Methods: 19 patients with a clinical diagnosis of AD, 23 with MCI and 21 elderly controls underwent PET/CT imaging with Amyvid and FDG. Regional brain measurements were carried out by drawing ROIs manually on PET/CT fused image slices around Frontal (F), Temporal (T), and Prieto-Occipital (PO) lobes, and the cerebellum based on predefined anatomical criteria. Global glucose metabolism and Global amyloid burden were calculated by averaging mean standardized uptake values (GSUVmean). Then, the data were normalized by calculating GSUVmean ratio of each region using cerebellum as a reference.
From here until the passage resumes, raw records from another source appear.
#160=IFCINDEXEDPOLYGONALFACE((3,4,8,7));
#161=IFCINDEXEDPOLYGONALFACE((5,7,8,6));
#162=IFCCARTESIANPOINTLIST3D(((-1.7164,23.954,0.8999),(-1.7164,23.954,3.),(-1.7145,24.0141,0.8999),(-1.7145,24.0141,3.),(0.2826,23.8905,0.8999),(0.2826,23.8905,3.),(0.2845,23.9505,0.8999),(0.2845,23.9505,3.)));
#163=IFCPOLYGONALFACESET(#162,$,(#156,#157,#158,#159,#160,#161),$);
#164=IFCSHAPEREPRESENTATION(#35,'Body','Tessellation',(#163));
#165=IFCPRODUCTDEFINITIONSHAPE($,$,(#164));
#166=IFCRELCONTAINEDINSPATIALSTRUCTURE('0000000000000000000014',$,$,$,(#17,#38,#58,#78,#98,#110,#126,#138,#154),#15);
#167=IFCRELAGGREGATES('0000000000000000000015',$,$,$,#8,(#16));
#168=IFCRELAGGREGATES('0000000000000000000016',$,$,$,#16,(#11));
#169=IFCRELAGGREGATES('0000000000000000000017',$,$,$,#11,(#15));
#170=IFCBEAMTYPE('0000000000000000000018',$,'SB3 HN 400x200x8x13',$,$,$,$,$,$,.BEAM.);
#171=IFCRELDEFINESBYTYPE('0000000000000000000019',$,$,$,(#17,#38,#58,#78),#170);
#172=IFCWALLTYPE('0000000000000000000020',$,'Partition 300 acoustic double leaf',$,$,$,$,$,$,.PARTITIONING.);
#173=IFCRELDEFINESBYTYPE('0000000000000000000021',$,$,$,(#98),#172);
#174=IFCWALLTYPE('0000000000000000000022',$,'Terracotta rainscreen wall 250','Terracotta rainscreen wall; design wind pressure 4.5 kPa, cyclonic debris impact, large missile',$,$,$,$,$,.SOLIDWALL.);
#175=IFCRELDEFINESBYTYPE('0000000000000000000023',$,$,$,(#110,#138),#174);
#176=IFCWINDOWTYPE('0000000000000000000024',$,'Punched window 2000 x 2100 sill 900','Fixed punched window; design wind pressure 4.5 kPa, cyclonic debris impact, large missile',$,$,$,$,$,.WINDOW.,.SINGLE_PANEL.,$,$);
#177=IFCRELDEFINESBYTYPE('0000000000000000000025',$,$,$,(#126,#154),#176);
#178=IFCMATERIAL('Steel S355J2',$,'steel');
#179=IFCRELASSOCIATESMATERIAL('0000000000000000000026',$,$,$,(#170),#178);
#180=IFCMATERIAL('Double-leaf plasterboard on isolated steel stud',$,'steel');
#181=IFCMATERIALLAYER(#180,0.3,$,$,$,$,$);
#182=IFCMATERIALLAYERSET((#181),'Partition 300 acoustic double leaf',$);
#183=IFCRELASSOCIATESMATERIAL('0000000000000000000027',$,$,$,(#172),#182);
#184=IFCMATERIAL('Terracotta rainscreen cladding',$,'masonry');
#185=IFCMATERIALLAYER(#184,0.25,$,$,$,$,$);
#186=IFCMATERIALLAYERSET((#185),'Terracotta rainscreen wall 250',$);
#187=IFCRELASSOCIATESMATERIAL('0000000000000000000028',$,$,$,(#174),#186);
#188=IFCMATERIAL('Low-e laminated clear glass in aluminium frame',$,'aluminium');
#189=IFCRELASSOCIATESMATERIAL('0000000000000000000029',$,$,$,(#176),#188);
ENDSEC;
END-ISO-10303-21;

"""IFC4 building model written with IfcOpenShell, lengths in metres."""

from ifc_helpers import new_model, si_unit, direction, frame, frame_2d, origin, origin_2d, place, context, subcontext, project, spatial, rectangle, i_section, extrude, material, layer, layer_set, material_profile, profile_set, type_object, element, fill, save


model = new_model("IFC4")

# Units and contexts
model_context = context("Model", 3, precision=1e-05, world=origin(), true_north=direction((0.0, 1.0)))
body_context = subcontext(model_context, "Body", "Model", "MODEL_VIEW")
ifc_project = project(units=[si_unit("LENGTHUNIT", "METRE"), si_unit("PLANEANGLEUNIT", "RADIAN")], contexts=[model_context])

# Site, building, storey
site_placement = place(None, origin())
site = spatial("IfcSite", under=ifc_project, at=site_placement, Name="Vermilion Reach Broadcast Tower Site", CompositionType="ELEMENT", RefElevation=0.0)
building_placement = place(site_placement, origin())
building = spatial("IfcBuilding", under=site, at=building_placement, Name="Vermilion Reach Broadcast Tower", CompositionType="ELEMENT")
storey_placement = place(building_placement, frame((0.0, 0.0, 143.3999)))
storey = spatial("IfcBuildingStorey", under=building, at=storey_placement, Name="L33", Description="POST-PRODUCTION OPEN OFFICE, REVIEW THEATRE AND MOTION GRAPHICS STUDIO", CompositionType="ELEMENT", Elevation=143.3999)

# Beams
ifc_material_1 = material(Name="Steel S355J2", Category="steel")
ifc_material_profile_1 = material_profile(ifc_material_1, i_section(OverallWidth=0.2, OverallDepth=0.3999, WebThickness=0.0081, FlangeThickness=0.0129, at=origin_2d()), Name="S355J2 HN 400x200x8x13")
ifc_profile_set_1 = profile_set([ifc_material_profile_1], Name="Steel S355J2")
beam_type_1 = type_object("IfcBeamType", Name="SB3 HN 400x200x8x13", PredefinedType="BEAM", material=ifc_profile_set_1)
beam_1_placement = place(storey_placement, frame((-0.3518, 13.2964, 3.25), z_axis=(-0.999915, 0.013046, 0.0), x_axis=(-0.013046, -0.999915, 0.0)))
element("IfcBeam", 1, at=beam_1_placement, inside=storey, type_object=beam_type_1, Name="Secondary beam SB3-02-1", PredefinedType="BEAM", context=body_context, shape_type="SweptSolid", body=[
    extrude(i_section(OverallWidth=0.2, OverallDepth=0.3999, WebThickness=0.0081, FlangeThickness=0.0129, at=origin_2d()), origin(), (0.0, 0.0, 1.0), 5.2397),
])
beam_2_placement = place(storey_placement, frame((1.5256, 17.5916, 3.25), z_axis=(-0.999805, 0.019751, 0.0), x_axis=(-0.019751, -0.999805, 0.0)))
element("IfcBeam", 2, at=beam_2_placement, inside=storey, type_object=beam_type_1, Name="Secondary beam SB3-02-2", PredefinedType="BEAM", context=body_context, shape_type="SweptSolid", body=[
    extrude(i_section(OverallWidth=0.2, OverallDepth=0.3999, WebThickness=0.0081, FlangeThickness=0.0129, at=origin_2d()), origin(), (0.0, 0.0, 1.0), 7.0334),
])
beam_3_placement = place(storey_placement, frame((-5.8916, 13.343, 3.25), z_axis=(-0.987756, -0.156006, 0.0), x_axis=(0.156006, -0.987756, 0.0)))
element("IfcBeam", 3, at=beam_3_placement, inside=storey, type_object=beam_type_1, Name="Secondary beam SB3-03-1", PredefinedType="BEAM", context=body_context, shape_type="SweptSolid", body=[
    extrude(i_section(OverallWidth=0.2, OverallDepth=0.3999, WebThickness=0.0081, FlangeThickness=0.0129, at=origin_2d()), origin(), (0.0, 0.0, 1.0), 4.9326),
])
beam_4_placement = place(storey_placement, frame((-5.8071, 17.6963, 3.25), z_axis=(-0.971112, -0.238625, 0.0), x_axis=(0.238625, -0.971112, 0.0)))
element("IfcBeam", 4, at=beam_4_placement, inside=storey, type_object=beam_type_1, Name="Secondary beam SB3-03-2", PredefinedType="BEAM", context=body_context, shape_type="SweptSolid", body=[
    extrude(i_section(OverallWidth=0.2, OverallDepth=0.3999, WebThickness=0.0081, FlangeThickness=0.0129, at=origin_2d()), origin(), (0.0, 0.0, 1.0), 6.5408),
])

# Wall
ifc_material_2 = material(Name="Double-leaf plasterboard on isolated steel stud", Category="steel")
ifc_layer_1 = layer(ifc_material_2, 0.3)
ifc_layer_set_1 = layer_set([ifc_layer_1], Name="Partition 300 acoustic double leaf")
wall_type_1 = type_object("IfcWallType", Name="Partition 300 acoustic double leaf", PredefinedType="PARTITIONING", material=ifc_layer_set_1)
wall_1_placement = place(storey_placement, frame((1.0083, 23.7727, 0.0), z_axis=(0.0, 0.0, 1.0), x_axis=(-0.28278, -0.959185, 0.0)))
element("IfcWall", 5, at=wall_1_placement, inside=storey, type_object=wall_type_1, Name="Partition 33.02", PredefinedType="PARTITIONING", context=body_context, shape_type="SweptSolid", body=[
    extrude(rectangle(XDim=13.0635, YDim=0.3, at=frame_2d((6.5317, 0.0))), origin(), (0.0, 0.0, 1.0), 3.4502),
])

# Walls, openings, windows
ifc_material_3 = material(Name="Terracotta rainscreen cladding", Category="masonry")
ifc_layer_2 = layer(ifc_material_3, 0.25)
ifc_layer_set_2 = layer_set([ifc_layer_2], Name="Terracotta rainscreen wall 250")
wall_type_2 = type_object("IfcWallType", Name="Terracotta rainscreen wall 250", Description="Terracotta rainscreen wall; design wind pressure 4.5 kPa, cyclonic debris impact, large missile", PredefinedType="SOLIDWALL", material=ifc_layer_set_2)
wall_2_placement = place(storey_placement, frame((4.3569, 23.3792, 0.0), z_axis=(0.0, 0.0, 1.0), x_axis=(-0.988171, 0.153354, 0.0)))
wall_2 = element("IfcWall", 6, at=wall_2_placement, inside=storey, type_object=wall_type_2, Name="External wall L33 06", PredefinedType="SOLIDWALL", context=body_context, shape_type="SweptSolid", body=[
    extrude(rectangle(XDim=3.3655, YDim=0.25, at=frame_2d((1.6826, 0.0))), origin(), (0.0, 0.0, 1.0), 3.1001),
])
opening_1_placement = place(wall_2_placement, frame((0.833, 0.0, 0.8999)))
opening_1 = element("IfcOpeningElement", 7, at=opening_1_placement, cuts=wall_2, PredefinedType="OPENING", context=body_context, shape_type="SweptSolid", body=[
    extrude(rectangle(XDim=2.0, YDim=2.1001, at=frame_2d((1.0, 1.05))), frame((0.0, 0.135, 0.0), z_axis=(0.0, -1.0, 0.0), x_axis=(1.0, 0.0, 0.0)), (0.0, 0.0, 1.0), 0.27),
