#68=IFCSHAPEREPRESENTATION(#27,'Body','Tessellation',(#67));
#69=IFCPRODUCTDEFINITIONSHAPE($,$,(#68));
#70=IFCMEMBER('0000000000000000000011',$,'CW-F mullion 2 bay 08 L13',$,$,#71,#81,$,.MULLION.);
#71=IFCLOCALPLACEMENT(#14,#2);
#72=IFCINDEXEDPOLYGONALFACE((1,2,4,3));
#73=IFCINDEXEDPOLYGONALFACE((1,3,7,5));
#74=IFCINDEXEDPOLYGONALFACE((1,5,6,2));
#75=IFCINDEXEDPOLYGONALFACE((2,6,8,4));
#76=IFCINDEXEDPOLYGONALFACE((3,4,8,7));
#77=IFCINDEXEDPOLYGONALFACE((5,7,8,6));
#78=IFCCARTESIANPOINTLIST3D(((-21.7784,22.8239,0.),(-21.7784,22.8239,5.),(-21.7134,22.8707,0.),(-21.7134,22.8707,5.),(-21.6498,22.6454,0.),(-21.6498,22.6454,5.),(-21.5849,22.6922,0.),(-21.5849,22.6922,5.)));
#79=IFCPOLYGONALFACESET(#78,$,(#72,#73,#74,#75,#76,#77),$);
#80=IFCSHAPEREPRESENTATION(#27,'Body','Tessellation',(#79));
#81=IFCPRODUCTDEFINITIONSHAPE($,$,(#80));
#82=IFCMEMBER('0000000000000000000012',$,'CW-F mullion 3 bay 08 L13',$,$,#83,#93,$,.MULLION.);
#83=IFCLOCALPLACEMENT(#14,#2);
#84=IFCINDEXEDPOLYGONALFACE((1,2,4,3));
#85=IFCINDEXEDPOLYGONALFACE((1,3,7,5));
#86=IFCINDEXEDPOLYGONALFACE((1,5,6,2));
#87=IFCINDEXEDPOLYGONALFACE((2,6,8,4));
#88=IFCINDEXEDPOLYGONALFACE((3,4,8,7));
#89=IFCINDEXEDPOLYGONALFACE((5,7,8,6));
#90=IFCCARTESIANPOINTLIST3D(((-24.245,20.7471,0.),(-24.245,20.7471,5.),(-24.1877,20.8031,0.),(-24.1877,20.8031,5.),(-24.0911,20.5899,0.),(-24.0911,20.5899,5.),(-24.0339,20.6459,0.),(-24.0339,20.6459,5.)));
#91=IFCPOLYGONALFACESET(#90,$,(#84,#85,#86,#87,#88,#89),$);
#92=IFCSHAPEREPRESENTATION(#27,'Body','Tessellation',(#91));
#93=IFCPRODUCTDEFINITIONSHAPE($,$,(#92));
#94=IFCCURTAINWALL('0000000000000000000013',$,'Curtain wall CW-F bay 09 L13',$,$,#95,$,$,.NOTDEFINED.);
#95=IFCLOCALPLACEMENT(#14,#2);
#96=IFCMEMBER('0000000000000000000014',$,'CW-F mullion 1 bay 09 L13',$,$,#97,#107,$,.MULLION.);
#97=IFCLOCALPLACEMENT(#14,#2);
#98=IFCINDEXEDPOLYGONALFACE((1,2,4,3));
Finally, regional metabolic and amyloid burden ratios were compared to Mini-Mental State Examination (MMSE).
Results: GSUVmean ratios with FDG for F, PO and T regions for all the subjects has a significant correlation with MMSE (P < 0.001) the same is true for F (P < 0.001), PO (P = 0.007) and T (P = 0.001) when only MCI and AD cases together were selected. In AD Group Only F (P = 0.002) and T (P = 0.006) regions and in MCIs only F (P = 0.027) and in NC, T region significantly correlated with MMSE (P = 0.023). With Amyvid Imaging significant negative correlation was found only in PO (P = 0.003) and T (P = 0.021) regions when all cases were selected; and in PO (P = 0.025) and T (P = 0.046) when only MCI and AD group together were selected. in which PO showed a more significant correlation. There was no significant correlation with MMSE in individual groups and also F region had no correlate with MMSE in any group.
Conclusion: Overall FDG-PET indicated a better correlation with clinical status of the demented subjects in all different regions as well as being more accurately related to the severity of dementia than Amyvid in AD diagnosis. Furthermore, Dementia showed to be more related to the Amyloid burden in prieto-occipital followed by temporal than frontal region.